1. Find the distribution of suspected crimes for each race group
(e.g., what proportion of white, Black, Hispanic, etc., pedestrian stops were due to suspicion of `cpw`?)

2. Using the result from the above exercise, find the suspected crimes that account for more than 10% of stops in all race groups.

hint: `all(logical_vector)` will return `TRUE` if all values in `logical_vector` are `TRUE`

In [39]:
# WRITE CODE HERE
# START solution
# 1. 
suspected_crime_by_race <- stop_df %>%
    group_by(suspected_crime, suspect_race) %>%
    summarize(N = n()) %>%
    group_by(suspect_race) %>%
    mutate(proportion = N / sum(N))
suspected_crime_by_race

# 2. 
suspected_crime_by_race %>%
    group_by(suspected_crime) %>%
    filter(all(proportion > 0.1))
# END 

`summarise()` regrouping output by 'suspected_crime' (override with `.groups` argument)
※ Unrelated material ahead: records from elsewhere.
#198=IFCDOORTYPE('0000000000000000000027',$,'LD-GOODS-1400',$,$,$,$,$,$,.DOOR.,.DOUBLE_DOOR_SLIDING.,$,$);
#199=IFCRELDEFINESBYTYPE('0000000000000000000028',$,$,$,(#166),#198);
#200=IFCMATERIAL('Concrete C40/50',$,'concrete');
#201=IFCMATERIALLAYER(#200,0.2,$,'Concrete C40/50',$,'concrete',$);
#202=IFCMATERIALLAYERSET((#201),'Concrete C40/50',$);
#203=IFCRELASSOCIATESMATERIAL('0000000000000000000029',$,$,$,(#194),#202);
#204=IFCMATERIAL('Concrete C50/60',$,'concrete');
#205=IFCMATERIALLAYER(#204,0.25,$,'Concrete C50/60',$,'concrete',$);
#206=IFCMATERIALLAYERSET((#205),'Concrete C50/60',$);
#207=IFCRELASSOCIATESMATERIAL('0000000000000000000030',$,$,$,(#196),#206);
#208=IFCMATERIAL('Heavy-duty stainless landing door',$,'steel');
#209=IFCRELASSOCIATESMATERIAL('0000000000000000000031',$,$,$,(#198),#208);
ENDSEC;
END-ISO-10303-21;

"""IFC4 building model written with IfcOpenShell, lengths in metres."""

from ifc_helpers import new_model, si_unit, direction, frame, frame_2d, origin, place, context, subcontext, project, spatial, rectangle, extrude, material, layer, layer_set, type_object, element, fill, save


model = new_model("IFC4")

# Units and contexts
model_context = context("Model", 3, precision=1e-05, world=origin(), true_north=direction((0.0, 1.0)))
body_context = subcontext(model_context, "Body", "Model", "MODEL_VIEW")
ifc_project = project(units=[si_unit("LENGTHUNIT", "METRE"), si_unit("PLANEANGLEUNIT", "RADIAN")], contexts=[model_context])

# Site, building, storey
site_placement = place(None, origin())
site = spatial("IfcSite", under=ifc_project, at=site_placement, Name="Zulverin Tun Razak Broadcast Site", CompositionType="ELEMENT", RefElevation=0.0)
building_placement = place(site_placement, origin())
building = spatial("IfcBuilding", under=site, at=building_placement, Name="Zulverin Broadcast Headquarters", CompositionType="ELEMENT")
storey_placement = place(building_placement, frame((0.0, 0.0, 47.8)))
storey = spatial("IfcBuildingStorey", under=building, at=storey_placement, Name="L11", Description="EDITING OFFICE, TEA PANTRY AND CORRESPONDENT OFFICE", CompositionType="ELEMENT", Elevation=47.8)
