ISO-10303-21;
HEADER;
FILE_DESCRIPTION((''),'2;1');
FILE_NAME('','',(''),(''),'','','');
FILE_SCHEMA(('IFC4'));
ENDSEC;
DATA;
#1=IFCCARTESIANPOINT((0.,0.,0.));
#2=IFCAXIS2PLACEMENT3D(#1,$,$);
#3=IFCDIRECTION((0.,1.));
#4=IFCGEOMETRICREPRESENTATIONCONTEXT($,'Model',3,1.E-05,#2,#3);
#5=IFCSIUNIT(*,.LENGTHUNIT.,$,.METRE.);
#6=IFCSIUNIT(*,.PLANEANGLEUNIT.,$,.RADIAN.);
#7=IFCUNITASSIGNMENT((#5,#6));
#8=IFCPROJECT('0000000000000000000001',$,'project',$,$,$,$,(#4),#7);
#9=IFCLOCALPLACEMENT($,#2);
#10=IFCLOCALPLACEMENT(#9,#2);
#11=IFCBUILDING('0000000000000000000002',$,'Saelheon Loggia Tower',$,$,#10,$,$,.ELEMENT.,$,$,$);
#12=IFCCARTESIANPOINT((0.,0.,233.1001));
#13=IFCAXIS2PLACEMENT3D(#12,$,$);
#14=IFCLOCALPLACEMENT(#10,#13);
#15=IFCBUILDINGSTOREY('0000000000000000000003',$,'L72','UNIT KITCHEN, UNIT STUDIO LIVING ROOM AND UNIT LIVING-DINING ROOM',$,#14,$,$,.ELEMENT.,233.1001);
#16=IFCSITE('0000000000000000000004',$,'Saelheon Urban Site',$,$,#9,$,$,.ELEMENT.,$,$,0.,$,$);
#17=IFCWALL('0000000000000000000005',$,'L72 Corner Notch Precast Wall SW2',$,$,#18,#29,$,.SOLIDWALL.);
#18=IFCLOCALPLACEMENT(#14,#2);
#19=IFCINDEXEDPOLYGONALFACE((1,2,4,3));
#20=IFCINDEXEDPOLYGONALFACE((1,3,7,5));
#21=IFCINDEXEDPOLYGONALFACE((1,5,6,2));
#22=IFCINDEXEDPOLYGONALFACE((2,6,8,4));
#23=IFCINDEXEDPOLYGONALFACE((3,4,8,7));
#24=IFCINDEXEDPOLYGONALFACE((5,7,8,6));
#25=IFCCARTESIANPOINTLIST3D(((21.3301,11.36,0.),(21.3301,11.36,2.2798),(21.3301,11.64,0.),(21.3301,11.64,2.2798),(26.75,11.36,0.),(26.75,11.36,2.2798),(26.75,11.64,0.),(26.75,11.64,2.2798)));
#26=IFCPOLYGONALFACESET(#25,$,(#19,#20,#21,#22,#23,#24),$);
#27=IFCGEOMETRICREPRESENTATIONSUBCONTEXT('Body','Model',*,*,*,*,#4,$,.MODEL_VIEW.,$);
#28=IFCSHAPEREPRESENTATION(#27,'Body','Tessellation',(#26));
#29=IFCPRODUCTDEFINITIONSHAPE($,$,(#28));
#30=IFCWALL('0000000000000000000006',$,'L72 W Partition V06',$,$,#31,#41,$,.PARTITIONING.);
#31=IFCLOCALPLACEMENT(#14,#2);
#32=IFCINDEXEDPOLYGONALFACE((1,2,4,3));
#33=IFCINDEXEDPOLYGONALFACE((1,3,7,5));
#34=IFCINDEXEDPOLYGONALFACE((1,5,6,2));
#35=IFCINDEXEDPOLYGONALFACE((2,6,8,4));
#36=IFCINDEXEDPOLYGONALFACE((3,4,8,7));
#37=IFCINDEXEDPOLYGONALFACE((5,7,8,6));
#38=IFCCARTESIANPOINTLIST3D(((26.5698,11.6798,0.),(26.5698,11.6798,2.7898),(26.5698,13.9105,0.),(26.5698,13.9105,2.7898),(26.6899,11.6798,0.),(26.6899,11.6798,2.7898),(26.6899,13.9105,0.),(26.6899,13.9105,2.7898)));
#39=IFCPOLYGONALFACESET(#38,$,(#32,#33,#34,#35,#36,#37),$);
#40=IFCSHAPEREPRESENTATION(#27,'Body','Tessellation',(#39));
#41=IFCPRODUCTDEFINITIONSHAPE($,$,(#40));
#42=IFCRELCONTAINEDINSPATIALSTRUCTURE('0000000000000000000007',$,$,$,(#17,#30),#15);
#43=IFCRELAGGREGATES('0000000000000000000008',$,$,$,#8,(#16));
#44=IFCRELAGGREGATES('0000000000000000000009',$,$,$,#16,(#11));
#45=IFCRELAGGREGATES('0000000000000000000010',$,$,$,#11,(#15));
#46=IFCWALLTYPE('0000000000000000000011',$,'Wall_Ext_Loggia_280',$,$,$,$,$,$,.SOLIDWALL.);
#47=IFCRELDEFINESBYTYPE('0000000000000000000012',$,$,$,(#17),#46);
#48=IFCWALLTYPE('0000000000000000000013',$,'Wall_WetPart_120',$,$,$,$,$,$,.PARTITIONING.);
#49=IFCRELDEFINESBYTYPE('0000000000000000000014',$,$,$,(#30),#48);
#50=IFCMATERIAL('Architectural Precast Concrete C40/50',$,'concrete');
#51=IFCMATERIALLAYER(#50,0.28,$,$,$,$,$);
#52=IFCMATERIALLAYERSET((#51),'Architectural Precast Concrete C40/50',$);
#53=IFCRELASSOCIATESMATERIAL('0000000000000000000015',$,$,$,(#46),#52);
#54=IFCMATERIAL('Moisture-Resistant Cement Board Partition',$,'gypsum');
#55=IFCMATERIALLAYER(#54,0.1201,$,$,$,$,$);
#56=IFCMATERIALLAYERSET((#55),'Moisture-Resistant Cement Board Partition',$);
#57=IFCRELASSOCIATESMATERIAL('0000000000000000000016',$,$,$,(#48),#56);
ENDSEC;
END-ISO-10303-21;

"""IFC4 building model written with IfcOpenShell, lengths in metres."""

from ifc_helpers import new_model, si_unit, direction, frame, frame_2d, origin, place, context, subcontext, project, spatial, rectangle, extrude, material, layer, layer_set, type_object, element, save


model = new_model("IFC4")

# Units and contexts
model_context = context("Model", 3, precision=1e-05, world=origin(), true_north=direction((0.0, 1.0)))
body_context = subcontext(model_context, "Body", "Model", "MODEL_VIEW")
ifc_project = project(units=[si_unit("LENGTHUNIT", "METRE"), si_unit("PLANEANGLEUNIT", "RADIAN")], contexts=[model_context])

# Site, building, storey
site_placement = place(None, origin())
site = spatial("IfcSite", under=ifc_project, at=site_placement, Name="Saelheon Urban Site", CompositionType="ELEMENT", RefElevation=0.0)
building_placement = place(site_placement, origin())
building = spatial("IfcBuilding", under=site, at=building_placement, Name="Saelheon Loggia Tower", CompositionType="ELEMENT")
storey_placement = place(building_placement, frame((0.0, 0.0, 233.1001)))
storey = spatial("IfcBuildingStorey", under=building, at=storey_placement, Name="L72", Description="UNIT KITCHEN, UNIT STUDIO LIVING ROOM AND UNIT LIVING-DINING ROOM", CompositionType="ELEMENT", Elevation=233.1001)

# Shared definitions
ifc_material_1 = material(Name="Architectural Precast Concrete C40/50", Category="concrete")
ifc_layer_1 = layer(ifc_material_1, 0.28)
ifc_layer_set_1 = layer_set([ifc_layer_1], Name="Architectural Precast Concrete C40/50")
wall_type_1 = type_object("IfcWallType", Name="Wall_Ext_Loggia_280", PredefinedType="SOLIDWALL", material=ifc_layer_set_1)

# Walls
for number, where, z_axis, x_axis, name in (
    (1, (21.3301, 11.5, 0.0), (0.0, 0.0, 1.0), (1.0, 0.0, 0.0), "L72 Corner Notch Precast Wall SW2"),
):
    element("IfcWall", number, at=place(storey_placement, frame(where, z_axis=z_axis, x_axis=x_axis)), inside=storey, type_object=wall_type_1, Name=name, PredefinedType="SOLIDWALL", context=body_context, shape_type="SweptSolid", body=[
        extrude(rectangle(XDim=5.4199, YDim=0.28, at=frame_2d((2.71, 0.0))), origin(), (0.0, 0.0, 1.0), 2.2798),
    ])
ifc_material_2 = material(Name="Moisture-Resistant Cement Board Partition", Category="gypsum")
ifc_layer_2 = layer(ifc_material_2, 0.1201)
ifc_layer_set_2 = layer_set([ifc_layer_2], Name="Moisture-Resistant Cement Board Partition")
wall_type_2 = type_object("IfcWallType", Name="Wall_WetPart_120", PredefinedType="PARTITIONING", material=ifc_layer_set_2)
wall_1_placement = place(storey_placement, frame((26.6299, 11.6799, 0.0), z_axis=(0.0, 0.0, 1.0), x_axis=(0.0, 1.0, 0.0)))
element("IfcWall", 2, at=wall_1_placement, inside=storey, type_object=wall_type_2, Name="L72 W Partition V06", PredefinedType="PARTITIONING", context=body_context, shape_type="SweptSolid", body=[
    extrude(rectangle(XDim=2.2307, YDim=0.1201, at=frame_2d((1.1152, 0.0))), origin(), (0.0, 0.0, 1.0), 2.7898),
])

save(model, "model.ifc")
suspected_crime,suspect_race,N,proportion
<chr>,<fct>,<int>,<dbl>
abandonment of a child,black,9,1.72e-05
abandonment of a child,hispanic,4,1.28e-05
abandonment of a child,white,1,1.02e-05
⋮,⋮,⋮,⋮
,white,3,3.06e-05
,other,1,3.83e-05
,,1,1.62e-04


suspected_crime,suspect_race,N,proportion
<chr>,<fct>,<int>,<dbl>
cpw,asian,3564,0.112
cpw,black,157501,0.301
cpw,native american,591,0.147
⋮,⋮,⋮,⋮
robbery,white,10386,0.106
robbery,other,4297,0.165
robbery,,958,0.156


## End notes

There are many, MANY more verbs that we simply did not have the time to cover here, but are immensely useful. 
Some examples are:

* `rename(df, ...)`: rename columns
* `slice(df, ...)`: select rows of a data frame by index, instead of some condition
* `top_n(df, N, col)`: retrieve the top N rows for values in some specified column

You are highly recommended to explore more. One great resource for learning about `tidyverse` and using it to work with data is Hadley Wickham's online book: [R for Data Science](https://r4ds.had.co.nz/). 

Hadley Wickham is also the original author for many of the packages in `tidyverse`. In fact, in the "early days" (circa 2016), before the word `tidyverse` was created, the collection of Hadley Wickham's `R` packages were unofficially referred to as the `hadleyverse`!